Текст книги "Невероятные происшествия в женской камере № 3"
Автор книги: Кира Ярмыш
Жанр: Современная русская литература, Современная проза
Возрастные ограничения: +18
сообщить о неприемлемом содержимом
Текущая страница: 7 (всего у книги 21 страниц) [доступный отрывок для чтения: 7 страниц]
Поезд тронулся. В плацкарте царила обычная суматоха – люди запихивали сумки под полки, переодевались, раскладывали матрасы. Эта хлопотливость настолько контрастировала с Аниным медитативным спокойствием, что она чувствовала себя почти невидимой для остальных. По вагону прошла проводница, проверяя билеты и раздавая белье. Аня застелила его заранее, рассудив, что потом ей будет не до того.
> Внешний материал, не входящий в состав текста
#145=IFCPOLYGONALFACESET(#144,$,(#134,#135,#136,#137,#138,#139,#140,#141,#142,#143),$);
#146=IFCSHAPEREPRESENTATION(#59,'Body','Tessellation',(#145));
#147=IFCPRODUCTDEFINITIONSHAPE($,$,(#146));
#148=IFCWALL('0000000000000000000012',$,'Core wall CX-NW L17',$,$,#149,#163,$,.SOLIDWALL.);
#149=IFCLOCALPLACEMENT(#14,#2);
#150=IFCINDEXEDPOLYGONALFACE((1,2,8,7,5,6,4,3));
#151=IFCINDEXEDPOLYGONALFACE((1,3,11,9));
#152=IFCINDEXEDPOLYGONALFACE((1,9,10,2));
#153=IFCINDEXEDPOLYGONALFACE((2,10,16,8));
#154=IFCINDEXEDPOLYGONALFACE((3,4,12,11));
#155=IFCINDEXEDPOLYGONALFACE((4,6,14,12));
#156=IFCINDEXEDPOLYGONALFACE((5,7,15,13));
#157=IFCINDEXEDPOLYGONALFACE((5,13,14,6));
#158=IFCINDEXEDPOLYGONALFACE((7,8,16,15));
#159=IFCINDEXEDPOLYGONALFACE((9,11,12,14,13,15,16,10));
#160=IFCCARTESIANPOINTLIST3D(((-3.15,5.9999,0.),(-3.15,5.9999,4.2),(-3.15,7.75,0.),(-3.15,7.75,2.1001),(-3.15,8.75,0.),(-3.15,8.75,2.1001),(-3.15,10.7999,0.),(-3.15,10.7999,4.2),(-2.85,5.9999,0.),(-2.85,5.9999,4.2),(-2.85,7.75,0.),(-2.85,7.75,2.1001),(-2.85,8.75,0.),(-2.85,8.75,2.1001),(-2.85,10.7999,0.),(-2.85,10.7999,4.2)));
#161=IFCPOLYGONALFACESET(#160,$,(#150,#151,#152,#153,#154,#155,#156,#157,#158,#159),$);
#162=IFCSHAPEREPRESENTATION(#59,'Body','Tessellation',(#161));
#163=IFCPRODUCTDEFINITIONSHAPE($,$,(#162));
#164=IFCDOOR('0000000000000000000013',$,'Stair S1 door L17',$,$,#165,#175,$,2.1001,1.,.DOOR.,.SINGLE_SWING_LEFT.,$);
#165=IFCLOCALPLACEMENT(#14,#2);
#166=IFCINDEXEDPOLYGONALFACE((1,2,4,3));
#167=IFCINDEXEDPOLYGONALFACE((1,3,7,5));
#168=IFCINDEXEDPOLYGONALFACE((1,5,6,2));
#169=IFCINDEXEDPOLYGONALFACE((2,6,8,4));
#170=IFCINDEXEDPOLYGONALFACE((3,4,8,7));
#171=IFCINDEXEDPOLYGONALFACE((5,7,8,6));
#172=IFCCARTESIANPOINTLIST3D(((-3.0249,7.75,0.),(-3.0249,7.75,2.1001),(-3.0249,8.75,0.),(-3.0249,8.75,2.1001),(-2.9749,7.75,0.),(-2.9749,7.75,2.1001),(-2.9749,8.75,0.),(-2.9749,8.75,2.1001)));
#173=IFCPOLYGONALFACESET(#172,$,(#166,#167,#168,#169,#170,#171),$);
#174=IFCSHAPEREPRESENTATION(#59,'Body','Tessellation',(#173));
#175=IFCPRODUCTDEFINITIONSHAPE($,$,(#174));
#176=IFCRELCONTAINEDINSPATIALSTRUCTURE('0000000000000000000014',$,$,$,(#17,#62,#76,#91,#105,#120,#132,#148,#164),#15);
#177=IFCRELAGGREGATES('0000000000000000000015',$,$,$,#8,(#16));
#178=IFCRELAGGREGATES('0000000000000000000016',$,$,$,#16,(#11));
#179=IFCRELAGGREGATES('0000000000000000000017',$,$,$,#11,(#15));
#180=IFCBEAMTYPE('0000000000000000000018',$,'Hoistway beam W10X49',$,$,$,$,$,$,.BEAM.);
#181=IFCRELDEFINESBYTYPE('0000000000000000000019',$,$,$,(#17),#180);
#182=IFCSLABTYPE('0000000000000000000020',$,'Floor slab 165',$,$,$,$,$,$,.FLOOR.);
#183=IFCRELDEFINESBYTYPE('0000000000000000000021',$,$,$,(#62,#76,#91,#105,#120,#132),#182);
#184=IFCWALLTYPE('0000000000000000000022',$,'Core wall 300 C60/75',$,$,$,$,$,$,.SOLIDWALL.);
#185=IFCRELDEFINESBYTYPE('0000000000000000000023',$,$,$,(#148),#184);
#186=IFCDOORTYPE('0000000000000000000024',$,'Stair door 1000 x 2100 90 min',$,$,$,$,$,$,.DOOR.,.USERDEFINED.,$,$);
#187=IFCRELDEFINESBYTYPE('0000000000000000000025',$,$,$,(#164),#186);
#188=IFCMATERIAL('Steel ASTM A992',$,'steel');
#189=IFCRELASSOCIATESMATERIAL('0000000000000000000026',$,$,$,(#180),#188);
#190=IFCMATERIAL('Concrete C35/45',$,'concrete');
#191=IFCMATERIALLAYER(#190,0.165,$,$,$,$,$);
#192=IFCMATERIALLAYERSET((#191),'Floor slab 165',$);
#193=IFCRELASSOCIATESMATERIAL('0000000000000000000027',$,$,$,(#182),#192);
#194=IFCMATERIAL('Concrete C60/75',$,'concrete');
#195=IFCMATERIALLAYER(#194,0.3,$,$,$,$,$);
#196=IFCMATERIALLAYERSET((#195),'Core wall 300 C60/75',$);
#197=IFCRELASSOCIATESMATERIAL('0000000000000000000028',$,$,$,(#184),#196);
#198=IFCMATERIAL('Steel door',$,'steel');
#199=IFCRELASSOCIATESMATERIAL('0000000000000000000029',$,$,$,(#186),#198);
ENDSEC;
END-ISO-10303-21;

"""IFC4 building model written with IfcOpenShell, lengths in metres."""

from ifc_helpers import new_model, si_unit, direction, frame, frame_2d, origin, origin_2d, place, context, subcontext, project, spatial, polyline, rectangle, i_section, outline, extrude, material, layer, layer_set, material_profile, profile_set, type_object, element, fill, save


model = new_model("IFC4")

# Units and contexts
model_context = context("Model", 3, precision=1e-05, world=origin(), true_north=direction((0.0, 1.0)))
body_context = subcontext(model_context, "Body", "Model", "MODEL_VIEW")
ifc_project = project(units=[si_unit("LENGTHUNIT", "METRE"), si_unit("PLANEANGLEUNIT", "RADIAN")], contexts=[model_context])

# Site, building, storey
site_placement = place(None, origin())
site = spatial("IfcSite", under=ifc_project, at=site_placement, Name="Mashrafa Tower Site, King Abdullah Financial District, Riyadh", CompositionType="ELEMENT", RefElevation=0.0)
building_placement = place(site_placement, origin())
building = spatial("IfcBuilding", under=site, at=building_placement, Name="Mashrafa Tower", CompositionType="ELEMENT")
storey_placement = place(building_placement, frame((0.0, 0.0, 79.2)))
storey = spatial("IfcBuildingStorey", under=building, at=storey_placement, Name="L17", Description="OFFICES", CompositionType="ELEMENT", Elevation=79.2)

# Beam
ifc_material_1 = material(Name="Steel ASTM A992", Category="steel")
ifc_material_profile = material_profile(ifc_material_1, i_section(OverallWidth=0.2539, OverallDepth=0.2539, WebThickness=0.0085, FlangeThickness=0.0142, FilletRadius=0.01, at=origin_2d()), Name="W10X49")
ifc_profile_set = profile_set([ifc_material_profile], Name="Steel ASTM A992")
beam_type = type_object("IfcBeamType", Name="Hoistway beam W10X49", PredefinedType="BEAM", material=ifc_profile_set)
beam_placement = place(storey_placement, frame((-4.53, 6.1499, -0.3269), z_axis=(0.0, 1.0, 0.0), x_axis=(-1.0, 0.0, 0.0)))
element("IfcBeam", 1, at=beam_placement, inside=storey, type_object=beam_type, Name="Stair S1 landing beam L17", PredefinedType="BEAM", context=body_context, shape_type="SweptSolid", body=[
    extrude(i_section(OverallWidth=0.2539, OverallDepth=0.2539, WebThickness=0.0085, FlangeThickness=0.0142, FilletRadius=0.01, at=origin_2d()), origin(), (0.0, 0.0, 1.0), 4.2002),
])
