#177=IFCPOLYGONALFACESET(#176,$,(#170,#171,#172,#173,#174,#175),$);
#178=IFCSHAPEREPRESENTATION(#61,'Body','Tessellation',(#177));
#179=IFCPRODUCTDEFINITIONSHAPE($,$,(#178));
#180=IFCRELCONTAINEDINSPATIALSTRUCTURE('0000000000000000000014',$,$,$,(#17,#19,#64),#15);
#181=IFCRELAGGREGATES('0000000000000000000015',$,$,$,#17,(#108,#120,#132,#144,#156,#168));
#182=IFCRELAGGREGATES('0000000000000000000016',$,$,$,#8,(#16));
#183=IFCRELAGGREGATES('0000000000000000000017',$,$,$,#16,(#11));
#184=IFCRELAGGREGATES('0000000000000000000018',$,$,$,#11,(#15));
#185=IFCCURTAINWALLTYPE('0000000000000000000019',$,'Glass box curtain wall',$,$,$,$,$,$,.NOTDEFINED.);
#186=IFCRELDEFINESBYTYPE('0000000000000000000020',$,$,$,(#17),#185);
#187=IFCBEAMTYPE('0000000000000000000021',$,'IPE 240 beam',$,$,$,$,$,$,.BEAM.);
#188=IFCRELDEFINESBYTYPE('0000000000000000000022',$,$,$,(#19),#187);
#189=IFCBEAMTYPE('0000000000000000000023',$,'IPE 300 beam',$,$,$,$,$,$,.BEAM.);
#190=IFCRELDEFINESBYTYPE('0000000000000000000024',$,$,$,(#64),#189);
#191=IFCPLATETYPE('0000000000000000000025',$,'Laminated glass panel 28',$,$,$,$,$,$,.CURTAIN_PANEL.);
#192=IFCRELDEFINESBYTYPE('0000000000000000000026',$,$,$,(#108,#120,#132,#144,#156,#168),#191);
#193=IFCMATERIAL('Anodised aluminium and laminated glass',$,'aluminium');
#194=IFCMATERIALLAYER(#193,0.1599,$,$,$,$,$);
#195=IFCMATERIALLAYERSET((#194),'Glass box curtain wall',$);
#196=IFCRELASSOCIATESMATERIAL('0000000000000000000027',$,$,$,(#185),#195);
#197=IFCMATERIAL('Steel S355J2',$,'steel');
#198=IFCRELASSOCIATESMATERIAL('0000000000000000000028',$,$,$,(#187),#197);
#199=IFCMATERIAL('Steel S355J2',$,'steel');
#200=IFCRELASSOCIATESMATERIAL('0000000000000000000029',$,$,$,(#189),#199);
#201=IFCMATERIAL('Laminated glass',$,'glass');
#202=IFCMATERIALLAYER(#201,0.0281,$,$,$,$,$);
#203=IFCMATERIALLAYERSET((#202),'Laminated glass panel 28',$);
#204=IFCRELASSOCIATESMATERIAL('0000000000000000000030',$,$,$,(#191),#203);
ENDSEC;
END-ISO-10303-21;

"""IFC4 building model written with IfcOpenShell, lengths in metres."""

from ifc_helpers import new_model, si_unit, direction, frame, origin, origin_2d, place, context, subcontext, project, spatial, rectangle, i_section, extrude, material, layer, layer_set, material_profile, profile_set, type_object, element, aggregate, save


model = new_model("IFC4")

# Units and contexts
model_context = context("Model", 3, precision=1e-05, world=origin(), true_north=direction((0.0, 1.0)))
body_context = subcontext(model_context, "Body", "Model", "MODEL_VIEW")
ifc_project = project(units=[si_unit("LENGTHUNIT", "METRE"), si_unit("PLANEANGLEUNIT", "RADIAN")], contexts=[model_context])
Дождавшись, когда суета уляжется, Аня сжала коробочку с лезвиями в руке и проскользнула в туалет.
Поезд скрипел и покачивался, иногда громыхая на стыках. Ане всегда казалось, что в туалете тряска ощущается сильнее, чем в остальном вагоне. Педаль унитаза была сломана, сливное отверстие не закрывалось, и из него тянуло ледяным воздухом. Аня закатала левый рукав – поезд с лязгом дернулся, и ее толкнуло к двери. Она так и осталась стоять, прижавшись к ней спиной для равновесия. Поезд грохотал, мчась в темноте. Больше не раздумывая, Аня мазнула лезвием по запястью. Ничего не произошло: лезвие прошло в миллиметре от кожи. Аня попробовала снова – снова ничего. Инстинкт не давал ей причинить себе боль – при этом предчувствие боли взлетело до небес. Аня разозлилась и со всей силы полоснула лезвием поперек запястья. Руку моментально опалило огнем. Будто в замедленной съемке Аня наблюдала, как кожа расступается, расслаивается и порез наполняется кровью. На самом деле он был совсем крохотный, но придал Ане решимости: она еще несколько раз ударила лезвием по руке, вонзая его все глубже и глубже.
Поезд снова дернулся, и Аня выронила лезвие. Ей было жарко, щеки и лоб пылали. Кровь капала на пол, рука горела от боли, и Ане вдруг стало очень жалко себя. Держа пораненную руку на весу, другой она подняла лезвие и помыла его, покачиваясь то ли от тряски, то ли от внезапно навалившейся усталости. Она оторвала клочок туалетной бумаги и промокнула кровь. Кровь не останавливалась. Аня оторвала еще бумагу и намочила ее – сжав зубы от боли, она осторожно протерла руку. Кровь моментально снова наполнила порезы и заструилась по запястью.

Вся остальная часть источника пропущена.